Priyadarshi Rahul, Kumar Ravi Ranjan, Ranjan Rakesh, Kumar Padarti Vijaya
Faculty of Engineering and Technology, ITER, Siksha 'O' Anusandhan (Deemed to be University), Bhubaneswar, 751030, India.
Department of ECE, National Institute of Technology, Patna, Bihar, 800005, India.
Sci Rep. 2025 Jul 1;15(1):22292. doi: 10.1038/s41598-025-08677-w.

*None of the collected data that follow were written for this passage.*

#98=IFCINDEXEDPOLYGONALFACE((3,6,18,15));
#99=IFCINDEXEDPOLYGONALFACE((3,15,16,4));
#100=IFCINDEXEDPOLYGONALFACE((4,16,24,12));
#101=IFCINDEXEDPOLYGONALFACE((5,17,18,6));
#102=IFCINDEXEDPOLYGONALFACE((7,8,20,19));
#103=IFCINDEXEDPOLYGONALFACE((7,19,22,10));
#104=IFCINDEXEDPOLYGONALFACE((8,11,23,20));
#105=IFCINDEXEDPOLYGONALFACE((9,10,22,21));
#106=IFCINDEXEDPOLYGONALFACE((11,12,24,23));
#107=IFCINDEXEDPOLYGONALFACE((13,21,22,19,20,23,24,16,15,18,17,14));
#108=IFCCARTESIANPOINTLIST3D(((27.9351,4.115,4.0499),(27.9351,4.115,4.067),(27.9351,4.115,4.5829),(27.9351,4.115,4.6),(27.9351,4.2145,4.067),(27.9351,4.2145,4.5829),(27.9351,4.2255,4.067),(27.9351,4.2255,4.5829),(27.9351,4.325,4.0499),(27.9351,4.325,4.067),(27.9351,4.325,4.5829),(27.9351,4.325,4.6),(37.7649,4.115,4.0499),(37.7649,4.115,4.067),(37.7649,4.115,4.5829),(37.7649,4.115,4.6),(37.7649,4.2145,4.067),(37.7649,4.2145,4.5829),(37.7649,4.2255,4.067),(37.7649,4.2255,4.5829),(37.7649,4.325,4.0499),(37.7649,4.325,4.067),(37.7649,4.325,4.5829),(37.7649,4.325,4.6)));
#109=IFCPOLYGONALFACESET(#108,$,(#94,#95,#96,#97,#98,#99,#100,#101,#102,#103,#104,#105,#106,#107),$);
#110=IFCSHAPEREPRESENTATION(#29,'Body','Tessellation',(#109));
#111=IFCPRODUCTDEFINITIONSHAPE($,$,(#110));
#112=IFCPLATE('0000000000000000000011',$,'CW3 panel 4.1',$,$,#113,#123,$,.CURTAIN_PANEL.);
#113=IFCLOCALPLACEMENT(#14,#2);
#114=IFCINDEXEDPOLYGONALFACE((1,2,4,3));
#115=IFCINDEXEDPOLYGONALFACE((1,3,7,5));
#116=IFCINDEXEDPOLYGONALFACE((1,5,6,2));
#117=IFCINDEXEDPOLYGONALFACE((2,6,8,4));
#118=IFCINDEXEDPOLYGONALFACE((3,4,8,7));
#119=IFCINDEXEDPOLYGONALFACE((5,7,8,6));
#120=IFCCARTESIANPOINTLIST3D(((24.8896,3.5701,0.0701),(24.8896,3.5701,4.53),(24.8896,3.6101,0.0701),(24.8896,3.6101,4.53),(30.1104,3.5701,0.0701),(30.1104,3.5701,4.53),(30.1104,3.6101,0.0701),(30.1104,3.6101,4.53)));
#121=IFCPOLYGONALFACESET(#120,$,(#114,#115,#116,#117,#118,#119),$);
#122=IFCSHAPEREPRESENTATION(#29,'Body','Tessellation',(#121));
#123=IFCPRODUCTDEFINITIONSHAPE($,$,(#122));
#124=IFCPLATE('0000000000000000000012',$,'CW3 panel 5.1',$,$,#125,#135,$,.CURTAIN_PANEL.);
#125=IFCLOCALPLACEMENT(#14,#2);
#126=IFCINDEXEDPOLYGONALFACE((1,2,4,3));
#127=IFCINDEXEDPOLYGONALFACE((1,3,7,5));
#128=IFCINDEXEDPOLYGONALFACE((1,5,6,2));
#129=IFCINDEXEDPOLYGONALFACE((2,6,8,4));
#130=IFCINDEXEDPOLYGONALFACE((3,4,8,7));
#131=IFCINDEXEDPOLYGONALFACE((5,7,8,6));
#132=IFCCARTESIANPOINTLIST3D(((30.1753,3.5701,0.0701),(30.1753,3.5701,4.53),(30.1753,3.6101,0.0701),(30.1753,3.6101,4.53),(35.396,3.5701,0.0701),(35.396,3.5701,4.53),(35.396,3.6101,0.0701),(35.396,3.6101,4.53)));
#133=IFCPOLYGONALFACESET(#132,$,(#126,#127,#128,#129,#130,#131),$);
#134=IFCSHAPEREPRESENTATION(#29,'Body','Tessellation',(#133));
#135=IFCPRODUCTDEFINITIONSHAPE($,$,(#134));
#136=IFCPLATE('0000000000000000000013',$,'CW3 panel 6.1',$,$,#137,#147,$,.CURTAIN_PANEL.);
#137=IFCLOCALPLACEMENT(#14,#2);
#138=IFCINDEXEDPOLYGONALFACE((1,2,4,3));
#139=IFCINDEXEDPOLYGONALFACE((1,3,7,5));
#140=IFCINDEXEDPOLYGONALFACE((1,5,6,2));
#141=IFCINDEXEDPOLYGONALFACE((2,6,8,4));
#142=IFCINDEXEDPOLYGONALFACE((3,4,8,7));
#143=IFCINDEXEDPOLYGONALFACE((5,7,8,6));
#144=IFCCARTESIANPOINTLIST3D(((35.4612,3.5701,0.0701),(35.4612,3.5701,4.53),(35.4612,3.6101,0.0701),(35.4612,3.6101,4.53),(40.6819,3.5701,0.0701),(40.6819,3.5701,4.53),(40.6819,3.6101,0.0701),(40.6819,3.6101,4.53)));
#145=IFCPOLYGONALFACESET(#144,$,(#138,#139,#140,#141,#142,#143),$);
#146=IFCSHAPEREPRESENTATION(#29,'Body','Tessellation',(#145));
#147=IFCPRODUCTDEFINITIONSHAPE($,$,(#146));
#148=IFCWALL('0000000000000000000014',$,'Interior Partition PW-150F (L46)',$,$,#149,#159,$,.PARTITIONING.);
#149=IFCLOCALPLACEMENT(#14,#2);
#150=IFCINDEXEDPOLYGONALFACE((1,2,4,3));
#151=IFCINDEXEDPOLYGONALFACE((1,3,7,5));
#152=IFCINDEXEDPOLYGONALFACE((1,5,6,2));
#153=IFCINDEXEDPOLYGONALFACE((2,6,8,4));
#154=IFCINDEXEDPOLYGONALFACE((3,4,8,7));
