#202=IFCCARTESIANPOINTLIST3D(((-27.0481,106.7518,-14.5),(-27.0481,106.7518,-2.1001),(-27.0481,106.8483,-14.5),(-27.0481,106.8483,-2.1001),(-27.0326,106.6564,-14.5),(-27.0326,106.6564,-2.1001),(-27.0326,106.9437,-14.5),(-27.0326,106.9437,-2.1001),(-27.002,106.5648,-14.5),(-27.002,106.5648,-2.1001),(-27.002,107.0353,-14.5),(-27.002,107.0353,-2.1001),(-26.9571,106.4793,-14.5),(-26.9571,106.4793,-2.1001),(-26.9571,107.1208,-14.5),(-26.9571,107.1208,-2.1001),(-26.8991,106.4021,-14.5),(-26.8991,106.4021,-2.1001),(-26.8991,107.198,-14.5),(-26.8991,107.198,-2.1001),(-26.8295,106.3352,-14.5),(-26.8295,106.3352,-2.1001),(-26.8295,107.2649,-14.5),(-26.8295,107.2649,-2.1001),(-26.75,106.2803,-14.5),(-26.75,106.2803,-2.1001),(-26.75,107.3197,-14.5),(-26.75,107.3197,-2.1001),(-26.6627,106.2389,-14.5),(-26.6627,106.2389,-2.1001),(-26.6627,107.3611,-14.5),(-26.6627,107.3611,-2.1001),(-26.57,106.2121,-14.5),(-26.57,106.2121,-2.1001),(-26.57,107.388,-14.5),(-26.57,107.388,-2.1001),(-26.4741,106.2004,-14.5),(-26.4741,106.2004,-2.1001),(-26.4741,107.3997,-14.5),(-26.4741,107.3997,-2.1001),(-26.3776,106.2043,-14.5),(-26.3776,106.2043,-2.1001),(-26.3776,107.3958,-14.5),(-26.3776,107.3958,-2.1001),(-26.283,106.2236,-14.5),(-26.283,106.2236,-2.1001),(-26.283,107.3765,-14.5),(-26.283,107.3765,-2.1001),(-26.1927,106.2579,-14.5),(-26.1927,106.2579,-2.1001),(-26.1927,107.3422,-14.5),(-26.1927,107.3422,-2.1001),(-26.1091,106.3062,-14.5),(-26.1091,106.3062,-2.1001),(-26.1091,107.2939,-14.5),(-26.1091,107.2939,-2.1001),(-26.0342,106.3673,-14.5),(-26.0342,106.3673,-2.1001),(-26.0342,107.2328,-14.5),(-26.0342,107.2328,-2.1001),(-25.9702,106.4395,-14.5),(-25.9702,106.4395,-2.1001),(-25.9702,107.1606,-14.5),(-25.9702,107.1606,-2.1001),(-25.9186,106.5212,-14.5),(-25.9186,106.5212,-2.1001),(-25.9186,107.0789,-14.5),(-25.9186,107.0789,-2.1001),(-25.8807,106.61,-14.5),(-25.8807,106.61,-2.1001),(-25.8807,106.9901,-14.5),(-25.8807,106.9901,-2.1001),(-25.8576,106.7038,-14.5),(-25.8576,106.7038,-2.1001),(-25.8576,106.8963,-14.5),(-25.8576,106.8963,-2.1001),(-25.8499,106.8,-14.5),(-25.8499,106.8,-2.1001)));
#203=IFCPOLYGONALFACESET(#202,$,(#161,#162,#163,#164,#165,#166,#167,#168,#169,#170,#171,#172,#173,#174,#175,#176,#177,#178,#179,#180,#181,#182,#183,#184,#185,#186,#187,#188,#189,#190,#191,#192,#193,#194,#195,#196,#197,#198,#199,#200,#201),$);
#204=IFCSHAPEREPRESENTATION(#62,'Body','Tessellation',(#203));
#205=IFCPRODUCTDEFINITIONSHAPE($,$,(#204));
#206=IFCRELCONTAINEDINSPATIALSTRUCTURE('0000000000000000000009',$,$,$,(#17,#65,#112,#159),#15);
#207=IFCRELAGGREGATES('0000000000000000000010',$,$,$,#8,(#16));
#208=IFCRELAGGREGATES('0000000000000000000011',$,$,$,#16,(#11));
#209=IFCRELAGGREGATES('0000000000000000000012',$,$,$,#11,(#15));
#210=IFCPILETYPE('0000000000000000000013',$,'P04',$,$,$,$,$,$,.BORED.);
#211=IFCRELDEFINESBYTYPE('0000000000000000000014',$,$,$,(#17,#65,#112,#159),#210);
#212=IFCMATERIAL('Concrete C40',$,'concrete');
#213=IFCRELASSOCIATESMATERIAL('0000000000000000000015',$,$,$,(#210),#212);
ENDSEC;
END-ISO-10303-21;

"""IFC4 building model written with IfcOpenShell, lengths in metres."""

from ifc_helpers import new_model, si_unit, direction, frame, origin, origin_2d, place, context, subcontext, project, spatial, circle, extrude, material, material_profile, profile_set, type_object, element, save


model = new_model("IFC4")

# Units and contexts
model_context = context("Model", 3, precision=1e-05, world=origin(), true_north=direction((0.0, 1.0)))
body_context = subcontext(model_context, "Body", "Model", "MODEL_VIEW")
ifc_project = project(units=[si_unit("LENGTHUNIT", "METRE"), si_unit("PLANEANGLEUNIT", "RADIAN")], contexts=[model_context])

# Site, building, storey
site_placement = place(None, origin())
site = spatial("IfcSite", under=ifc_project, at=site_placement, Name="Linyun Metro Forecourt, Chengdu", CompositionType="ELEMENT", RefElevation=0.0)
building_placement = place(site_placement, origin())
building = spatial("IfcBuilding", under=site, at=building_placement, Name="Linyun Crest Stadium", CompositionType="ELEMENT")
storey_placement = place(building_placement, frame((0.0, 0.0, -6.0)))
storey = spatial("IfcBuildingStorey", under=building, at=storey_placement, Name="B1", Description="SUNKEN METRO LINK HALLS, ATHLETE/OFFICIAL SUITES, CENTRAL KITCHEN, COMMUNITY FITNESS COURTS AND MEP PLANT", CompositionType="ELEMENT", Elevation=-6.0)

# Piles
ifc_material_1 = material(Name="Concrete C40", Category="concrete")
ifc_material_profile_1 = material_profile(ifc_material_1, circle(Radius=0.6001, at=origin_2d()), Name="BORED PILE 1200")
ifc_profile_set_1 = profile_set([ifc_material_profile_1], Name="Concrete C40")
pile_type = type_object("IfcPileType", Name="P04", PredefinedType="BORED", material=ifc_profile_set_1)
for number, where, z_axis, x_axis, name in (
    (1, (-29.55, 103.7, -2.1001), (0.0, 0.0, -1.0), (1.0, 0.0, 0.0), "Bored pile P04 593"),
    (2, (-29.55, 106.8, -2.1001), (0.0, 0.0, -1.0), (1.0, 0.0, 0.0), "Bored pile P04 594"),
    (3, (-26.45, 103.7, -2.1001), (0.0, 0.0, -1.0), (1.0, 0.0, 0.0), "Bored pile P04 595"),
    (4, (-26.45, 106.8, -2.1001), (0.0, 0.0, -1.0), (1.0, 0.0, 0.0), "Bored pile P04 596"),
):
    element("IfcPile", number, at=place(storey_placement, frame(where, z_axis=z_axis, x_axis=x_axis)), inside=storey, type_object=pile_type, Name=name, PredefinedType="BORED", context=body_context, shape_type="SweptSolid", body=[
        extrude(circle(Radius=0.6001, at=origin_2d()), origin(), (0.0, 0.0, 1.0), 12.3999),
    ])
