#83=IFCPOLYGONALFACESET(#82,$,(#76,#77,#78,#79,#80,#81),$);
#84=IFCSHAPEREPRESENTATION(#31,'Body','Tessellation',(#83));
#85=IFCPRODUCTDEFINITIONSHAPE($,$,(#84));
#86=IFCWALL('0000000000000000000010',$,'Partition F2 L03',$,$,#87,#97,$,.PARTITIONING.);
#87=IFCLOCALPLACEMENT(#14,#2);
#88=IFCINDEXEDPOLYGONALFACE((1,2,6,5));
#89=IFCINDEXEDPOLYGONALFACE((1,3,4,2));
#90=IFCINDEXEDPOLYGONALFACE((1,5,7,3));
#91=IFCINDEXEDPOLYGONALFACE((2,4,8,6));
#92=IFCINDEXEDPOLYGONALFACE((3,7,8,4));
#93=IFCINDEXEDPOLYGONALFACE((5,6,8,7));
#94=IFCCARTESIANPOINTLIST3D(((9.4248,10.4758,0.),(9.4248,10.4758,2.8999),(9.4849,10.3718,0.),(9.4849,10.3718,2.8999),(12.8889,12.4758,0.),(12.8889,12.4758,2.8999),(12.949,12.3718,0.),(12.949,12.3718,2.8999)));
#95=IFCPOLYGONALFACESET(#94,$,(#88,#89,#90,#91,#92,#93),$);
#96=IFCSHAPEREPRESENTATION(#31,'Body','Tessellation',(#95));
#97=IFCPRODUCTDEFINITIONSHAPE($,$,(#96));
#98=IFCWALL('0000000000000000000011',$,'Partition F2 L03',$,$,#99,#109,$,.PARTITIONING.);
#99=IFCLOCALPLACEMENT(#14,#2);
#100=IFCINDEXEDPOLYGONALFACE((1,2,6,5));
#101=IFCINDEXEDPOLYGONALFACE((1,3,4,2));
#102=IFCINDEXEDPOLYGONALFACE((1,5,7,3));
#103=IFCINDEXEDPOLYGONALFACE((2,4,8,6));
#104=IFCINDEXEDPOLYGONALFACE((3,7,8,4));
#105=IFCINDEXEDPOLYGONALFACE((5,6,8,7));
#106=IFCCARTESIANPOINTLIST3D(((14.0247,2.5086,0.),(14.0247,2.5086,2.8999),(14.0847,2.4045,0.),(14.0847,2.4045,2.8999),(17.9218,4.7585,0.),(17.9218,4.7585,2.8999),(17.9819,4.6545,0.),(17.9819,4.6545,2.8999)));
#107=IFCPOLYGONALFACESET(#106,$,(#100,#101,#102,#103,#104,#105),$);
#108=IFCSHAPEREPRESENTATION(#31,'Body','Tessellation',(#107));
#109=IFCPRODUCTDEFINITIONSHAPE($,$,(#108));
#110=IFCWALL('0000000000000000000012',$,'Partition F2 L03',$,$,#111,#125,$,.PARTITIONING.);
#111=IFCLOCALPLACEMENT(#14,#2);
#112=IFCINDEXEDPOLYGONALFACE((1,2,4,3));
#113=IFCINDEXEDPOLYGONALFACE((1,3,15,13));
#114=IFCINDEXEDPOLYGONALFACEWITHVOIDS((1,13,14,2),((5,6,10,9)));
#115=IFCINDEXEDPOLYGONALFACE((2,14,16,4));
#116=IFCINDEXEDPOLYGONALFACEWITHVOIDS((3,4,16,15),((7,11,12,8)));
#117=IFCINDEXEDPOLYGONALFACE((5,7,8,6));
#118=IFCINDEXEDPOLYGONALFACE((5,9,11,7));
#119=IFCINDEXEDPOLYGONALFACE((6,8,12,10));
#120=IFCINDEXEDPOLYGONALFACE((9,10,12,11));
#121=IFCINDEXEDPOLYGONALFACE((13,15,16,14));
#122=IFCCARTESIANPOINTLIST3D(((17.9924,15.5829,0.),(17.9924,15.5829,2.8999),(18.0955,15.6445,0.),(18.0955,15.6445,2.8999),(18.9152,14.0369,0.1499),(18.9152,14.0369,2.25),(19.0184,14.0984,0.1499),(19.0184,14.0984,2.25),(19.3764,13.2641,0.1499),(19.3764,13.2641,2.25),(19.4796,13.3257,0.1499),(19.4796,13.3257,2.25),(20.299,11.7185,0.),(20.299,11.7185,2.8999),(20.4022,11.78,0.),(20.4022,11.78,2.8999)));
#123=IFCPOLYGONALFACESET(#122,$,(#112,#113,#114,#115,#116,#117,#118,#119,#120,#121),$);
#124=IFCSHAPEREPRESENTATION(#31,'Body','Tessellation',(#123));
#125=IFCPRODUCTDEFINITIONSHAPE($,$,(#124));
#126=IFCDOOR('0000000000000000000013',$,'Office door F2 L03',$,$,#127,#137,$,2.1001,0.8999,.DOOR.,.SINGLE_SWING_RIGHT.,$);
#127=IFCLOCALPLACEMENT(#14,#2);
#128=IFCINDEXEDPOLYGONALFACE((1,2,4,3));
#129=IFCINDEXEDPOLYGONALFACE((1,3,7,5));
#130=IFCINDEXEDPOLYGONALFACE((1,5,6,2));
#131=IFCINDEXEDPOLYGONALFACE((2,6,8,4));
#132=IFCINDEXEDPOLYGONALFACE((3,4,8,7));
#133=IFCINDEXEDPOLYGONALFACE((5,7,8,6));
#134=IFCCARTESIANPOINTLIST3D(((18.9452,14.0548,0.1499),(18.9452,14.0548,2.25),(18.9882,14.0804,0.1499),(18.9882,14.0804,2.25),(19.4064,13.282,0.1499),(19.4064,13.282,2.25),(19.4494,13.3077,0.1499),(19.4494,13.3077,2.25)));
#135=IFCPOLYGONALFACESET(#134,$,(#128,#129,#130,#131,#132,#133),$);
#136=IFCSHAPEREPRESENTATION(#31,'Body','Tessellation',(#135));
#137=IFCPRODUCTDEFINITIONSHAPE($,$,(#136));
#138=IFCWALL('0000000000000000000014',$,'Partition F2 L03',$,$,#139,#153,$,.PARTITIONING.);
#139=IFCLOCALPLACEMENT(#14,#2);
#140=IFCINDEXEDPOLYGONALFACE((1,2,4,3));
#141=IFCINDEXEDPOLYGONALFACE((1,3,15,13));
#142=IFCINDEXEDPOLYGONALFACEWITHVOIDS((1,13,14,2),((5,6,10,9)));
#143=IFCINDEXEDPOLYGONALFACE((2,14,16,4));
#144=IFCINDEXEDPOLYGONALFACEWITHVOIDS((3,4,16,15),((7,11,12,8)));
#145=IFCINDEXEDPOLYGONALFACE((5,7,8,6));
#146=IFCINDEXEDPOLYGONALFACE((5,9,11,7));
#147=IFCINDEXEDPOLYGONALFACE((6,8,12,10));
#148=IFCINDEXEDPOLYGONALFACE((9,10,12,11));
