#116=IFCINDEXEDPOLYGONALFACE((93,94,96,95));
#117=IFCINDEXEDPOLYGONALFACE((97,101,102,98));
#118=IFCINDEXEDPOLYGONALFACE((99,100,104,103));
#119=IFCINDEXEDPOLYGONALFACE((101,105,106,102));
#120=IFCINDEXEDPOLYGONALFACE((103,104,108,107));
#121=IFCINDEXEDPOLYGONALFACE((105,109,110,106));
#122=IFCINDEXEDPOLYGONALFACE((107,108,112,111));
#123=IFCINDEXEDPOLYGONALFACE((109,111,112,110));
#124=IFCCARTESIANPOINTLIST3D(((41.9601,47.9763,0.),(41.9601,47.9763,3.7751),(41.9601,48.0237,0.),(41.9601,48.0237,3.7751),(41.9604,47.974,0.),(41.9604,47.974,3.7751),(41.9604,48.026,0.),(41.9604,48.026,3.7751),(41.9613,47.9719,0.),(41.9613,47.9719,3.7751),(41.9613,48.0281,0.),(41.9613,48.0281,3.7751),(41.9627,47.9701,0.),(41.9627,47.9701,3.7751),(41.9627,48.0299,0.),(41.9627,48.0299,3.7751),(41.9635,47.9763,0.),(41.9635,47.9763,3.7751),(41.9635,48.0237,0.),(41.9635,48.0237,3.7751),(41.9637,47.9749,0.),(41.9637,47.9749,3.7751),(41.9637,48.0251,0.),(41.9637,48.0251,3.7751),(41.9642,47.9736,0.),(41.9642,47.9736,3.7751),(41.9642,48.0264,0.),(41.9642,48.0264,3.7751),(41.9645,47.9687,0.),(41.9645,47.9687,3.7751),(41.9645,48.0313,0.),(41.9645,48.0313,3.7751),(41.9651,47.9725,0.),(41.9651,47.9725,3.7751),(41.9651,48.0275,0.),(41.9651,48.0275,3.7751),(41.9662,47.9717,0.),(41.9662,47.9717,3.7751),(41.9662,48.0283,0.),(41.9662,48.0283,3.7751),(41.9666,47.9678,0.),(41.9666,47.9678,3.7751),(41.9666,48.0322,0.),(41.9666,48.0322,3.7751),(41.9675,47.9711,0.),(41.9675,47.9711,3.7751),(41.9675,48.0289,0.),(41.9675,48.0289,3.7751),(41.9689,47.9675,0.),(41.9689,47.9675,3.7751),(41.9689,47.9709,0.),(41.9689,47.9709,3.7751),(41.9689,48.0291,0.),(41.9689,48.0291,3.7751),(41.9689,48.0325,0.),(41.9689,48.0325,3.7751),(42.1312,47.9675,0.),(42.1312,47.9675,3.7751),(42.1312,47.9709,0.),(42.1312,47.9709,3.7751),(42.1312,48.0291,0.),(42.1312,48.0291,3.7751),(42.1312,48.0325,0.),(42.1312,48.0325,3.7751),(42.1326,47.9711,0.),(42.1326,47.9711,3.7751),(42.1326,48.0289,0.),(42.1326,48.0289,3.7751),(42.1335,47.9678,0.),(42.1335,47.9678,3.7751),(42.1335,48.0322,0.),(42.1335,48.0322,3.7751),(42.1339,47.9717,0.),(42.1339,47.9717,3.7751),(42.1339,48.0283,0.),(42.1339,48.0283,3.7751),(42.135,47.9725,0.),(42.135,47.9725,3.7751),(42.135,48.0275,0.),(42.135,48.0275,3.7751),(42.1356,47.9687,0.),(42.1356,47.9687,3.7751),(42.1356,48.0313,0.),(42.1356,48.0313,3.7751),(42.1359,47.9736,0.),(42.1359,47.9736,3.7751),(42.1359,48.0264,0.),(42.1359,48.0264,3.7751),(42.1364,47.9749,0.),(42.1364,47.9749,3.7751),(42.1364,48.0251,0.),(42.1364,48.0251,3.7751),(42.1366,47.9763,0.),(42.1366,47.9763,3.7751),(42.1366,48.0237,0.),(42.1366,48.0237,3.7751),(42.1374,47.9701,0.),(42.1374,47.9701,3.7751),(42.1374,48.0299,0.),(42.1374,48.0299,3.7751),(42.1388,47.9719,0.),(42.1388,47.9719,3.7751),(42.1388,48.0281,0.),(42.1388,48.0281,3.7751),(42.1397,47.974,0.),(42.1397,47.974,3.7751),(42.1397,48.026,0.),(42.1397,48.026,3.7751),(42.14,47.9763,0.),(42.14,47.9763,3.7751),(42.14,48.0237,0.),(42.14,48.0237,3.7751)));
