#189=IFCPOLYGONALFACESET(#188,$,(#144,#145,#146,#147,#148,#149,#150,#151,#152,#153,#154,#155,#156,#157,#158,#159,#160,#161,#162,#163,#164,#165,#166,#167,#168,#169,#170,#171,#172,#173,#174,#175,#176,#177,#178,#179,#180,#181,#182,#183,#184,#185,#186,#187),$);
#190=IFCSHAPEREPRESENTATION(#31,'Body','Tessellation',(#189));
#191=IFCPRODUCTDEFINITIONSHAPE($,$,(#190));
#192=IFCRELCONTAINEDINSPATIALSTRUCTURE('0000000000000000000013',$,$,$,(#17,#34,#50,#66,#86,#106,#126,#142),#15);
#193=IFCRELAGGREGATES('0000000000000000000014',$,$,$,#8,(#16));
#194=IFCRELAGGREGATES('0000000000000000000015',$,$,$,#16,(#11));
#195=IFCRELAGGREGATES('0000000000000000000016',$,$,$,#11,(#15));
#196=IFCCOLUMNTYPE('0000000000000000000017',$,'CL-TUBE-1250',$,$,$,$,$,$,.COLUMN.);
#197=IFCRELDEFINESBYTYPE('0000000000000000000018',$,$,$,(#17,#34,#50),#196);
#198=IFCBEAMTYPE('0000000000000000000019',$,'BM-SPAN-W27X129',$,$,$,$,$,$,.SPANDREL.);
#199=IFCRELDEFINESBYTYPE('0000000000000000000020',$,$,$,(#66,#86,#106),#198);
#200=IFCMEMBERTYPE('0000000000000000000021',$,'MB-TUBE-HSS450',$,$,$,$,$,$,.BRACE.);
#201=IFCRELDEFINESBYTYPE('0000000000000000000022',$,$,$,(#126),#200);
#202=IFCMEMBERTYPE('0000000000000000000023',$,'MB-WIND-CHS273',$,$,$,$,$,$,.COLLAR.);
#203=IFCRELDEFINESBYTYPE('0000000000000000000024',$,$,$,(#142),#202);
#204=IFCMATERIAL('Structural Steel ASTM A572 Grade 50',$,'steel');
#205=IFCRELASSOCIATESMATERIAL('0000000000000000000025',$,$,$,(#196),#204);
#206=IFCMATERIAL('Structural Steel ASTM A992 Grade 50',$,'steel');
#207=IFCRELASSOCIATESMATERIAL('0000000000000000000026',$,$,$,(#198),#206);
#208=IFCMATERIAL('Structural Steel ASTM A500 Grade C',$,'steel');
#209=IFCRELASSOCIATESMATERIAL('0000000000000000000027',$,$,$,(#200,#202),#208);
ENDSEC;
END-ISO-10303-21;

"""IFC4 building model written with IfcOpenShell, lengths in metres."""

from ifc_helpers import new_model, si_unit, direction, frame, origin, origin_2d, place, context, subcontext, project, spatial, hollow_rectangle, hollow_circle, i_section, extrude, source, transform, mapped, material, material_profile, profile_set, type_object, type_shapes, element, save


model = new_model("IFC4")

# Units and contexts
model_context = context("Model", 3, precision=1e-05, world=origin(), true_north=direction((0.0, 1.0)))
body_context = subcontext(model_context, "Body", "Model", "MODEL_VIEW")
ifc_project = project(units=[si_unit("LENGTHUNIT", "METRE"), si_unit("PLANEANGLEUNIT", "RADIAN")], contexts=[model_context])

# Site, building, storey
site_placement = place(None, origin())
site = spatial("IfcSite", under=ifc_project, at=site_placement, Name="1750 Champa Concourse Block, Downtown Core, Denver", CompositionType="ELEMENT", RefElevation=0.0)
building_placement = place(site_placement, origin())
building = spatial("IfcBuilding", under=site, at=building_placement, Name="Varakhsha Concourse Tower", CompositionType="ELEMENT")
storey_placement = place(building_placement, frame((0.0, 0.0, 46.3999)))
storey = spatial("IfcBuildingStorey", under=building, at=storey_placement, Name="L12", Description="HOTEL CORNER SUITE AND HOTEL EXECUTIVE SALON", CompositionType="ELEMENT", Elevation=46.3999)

This paper proposes a modular Artificial Intelligence (AI)-based routing framework for Wireless Sensor Networks (WSNs) that integrates reinforcement learning (RL), supervised learning, and swarm intelligence techniques such as genetic algorithms (GA) and particle swarm optimization (PSO). Unlike conventional approaches that rely on static or standalone algorithms, the proposed framework employs a structured decision-making pipeline that dynamically adapts to real-time changes in network topology, traffic, and energy conditions. Each AI module plays a distinct role-RL handles local routing decisions, while GA and PSO are invoked for global optimization under resource constraints. Simulations conducted in MATLAB R2021b validate the framework's effectiveness, demonstrating improvements in packet delivery ratio, end-to-end latency, and energy efficiency when compared to traditional protocols. While this study is based on synthetic evaluations, it outlines the architectural groundwork for future real-world implementation and discusses deployment challenges such as scalability, resource usage, and security. The results highlight the potential of hybrid AI-based routing strategies to enhance the reliability, adaptability, and sustainability of WSNs in dynamic and resource-limited environments.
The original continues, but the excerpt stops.